III. The Intellectual Heritage of Turath
Muslims in principle reject any person or institution as the source of infallible guidance, which is why calls for a new Luther or for the creation of an infallible source of Islamic guidance like the pope in Roman Catholicism or for any kind of intermediary between the individual person and God have always been and always will be rejected.
Muslims, however, do have a highly developed source of truth and justice in their intellectual tradition, known as the turath, which is at least equal to the best of Hinduism, Judaism, and Christianity in the interpretation of basic scriptures. This turath consists in all religions not merely in the substance of meaning but in the terminology to explain it. Christianity lost much of this precision of language when the adopted sacred language of Latin was effectively abandoned. For example, the numerous volumes written over the centuries to define the meaning of bonum, which superficially means merely the good, are now lost because contemporary concepts of “good” bear little resemblance to the traditional richness of thought.

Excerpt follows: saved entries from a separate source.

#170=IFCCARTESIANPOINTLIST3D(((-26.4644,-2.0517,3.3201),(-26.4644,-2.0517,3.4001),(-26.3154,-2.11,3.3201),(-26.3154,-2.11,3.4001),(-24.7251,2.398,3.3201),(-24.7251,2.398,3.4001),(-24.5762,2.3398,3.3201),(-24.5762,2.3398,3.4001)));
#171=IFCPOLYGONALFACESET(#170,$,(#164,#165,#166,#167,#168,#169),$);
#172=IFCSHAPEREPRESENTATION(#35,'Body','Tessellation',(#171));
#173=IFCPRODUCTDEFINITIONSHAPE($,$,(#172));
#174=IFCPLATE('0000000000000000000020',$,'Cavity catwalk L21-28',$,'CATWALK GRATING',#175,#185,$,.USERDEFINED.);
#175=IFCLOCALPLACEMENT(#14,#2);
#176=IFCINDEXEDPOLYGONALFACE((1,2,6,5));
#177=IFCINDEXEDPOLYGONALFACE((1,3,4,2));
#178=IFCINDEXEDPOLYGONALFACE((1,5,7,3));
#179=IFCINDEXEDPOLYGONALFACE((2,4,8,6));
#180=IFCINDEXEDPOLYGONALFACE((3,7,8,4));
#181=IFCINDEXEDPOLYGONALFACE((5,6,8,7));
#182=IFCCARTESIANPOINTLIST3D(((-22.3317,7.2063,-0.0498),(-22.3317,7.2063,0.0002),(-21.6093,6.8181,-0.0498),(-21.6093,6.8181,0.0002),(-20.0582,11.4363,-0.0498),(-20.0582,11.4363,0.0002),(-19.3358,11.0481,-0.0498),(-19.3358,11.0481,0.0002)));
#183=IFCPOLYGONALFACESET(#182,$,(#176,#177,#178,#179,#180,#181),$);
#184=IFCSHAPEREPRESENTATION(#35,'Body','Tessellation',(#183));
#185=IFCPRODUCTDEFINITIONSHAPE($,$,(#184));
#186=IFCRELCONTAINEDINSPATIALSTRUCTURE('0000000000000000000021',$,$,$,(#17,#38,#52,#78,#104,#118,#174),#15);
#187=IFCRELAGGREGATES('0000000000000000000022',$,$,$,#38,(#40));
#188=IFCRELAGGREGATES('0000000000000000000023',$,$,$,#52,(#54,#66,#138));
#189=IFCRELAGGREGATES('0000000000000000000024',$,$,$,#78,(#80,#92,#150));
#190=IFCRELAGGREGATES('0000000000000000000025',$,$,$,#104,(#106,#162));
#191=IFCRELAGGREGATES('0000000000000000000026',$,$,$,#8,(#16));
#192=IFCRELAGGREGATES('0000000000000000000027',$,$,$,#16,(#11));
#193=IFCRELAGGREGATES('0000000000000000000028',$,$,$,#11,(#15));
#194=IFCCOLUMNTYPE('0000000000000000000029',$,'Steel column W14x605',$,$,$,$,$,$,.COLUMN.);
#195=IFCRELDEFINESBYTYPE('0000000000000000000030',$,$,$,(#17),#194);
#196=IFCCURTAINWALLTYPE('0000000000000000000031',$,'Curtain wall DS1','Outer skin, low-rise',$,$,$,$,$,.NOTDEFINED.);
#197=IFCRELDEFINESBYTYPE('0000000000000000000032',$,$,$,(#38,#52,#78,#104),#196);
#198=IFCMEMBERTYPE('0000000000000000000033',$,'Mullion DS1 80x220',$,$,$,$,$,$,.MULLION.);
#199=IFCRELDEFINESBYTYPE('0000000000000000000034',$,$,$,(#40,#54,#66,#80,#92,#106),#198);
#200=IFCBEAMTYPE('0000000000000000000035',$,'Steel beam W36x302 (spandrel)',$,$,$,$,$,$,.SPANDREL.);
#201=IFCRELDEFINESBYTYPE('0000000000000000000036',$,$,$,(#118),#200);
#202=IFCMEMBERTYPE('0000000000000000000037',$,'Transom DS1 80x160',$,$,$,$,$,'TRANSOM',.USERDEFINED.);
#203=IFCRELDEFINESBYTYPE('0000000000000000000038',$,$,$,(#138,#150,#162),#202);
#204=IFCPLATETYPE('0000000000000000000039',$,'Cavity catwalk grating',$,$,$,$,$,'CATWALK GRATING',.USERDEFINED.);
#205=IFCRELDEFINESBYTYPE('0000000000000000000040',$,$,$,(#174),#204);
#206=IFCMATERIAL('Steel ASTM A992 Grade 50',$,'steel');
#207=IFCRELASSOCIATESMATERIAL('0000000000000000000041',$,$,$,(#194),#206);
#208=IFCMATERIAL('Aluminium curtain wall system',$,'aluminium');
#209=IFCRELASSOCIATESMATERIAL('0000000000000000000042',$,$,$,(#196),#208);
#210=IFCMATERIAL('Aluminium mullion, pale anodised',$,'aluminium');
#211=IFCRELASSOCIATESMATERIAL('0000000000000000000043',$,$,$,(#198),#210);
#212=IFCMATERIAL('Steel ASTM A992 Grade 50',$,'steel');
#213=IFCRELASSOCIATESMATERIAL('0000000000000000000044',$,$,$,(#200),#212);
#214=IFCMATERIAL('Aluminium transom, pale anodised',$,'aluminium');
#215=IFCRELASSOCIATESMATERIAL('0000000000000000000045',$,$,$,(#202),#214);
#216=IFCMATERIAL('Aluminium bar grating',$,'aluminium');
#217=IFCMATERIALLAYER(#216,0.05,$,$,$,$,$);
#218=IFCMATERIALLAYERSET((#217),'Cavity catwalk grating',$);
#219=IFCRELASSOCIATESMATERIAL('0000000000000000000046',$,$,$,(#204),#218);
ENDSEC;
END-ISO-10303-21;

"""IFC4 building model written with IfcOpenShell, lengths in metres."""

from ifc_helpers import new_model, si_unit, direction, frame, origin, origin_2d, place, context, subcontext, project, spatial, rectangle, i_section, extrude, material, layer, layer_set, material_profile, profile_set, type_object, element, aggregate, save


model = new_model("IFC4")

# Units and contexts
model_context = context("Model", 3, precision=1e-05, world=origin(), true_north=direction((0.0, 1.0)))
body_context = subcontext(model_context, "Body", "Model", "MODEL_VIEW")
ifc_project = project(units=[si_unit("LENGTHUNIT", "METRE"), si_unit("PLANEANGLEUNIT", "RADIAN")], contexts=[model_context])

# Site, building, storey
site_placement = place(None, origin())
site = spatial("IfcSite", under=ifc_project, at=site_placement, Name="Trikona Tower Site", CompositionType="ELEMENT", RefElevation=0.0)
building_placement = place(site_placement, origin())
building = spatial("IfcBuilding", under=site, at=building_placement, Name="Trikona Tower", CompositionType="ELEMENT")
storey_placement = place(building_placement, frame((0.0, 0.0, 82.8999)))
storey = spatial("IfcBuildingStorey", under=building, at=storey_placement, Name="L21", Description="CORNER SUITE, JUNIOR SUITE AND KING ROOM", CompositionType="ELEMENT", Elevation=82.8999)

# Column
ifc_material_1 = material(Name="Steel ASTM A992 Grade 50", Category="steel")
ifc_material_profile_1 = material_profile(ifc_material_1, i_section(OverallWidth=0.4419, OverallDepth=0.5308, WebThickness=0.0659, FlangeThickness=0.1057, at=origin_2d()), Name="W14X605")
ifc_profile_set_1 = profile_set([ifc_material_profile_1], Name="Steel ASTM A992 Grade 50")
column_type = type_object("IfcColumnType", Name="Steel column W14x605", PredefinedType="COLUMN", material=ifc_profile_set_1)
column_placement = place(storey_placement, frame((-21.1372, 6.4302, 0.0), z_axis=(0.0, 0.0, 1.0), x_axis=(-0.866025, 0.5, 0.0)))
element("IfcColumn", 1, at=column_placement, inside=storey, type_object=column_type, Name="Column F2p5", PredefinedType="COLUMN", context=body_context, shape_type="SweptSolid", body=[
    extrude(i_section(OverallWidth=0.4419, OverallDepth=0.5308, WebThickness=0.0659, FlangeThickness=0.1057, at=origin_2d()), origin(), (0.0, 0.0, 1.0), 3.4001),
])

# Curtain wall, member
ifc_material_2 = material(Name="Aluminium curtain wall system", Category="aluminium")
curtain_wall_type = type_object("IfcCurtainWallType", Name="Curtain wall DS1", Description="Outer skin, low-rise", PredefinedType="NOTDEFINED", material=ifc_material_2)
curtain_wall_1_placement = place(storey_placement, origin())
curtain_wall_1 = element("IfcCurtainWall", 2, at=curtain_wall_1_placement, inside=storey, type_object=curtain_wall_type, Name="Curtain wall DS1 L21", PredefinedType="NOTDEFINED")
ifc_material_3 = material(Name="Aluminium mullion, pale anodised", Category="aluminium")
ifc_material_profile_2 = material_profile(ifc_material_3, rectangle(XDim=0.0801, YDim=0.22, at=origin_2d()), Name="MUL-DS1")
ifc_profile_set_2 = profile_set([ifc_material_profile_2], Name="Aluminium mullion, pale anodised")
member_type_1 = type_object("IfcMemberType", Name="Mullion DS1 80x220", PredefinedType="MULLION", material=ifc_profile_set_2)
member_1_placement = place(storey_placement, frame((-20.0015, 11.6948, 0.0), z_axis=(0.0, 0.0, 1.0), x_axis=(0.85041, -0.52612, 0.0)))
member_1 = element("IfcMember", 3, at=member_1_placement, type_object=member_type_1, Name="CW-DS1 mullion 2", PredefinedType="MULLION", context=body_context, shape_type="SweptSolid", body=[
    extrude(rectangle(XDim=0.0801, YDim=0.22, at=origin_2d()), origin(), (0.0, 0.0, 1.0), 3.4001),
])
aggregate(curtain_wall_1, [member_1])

In one of his new books, The Great Theft, Khalid Abou el Fadl defines turath as “the Islamic intellectual heritage”. He has spent his life absorbing the wisdom of the Islamic turath. As the Grand Mufti of Egypt and Shaykh al Azhar, Ali Gomma (Jumma), put it in an interview in the Spring 2005 issue, no. 12, of Islamica, p. 45, “The turath has a shell, its terminology, and if we lose that terminology, we lose its meaning.” To lose the meaning of words as symbolic mimes is to destroy the thought behind them.
A prime example is the term, umma, which means community. In the Qur’an it refers to multiple levels of community in a single person, in keeping with the use of the term “Muslim” throughout the Qur’an to mean anyone who submits lovingly to God, regardless of one’s various levels of community identification. Shaykh Ali Gomma writes in his guidance to Americans, discussed below, that the “Islamic community” consists in those who make the formal Islamic statement of faith and those who are called in other ways to God. “The Muslim understands from the concept of the Community that humanity from the first of creation constitutes One Community. ‘And, verily, this Community of yours is a single Community, since I am the sustainer of you all: remain, then, conscious of Me! (Surah al Muminum – The Believers – 23:52). Because of this, Muslims accept pluralism. … All religions had a place within the bosum of Islam. … And He, the Most Glorious, has said: ‘As for those who strive in Us, We surely guide them to Our paths, and, lo, God is with the good’.” (Surah al Ankabut, 29:69)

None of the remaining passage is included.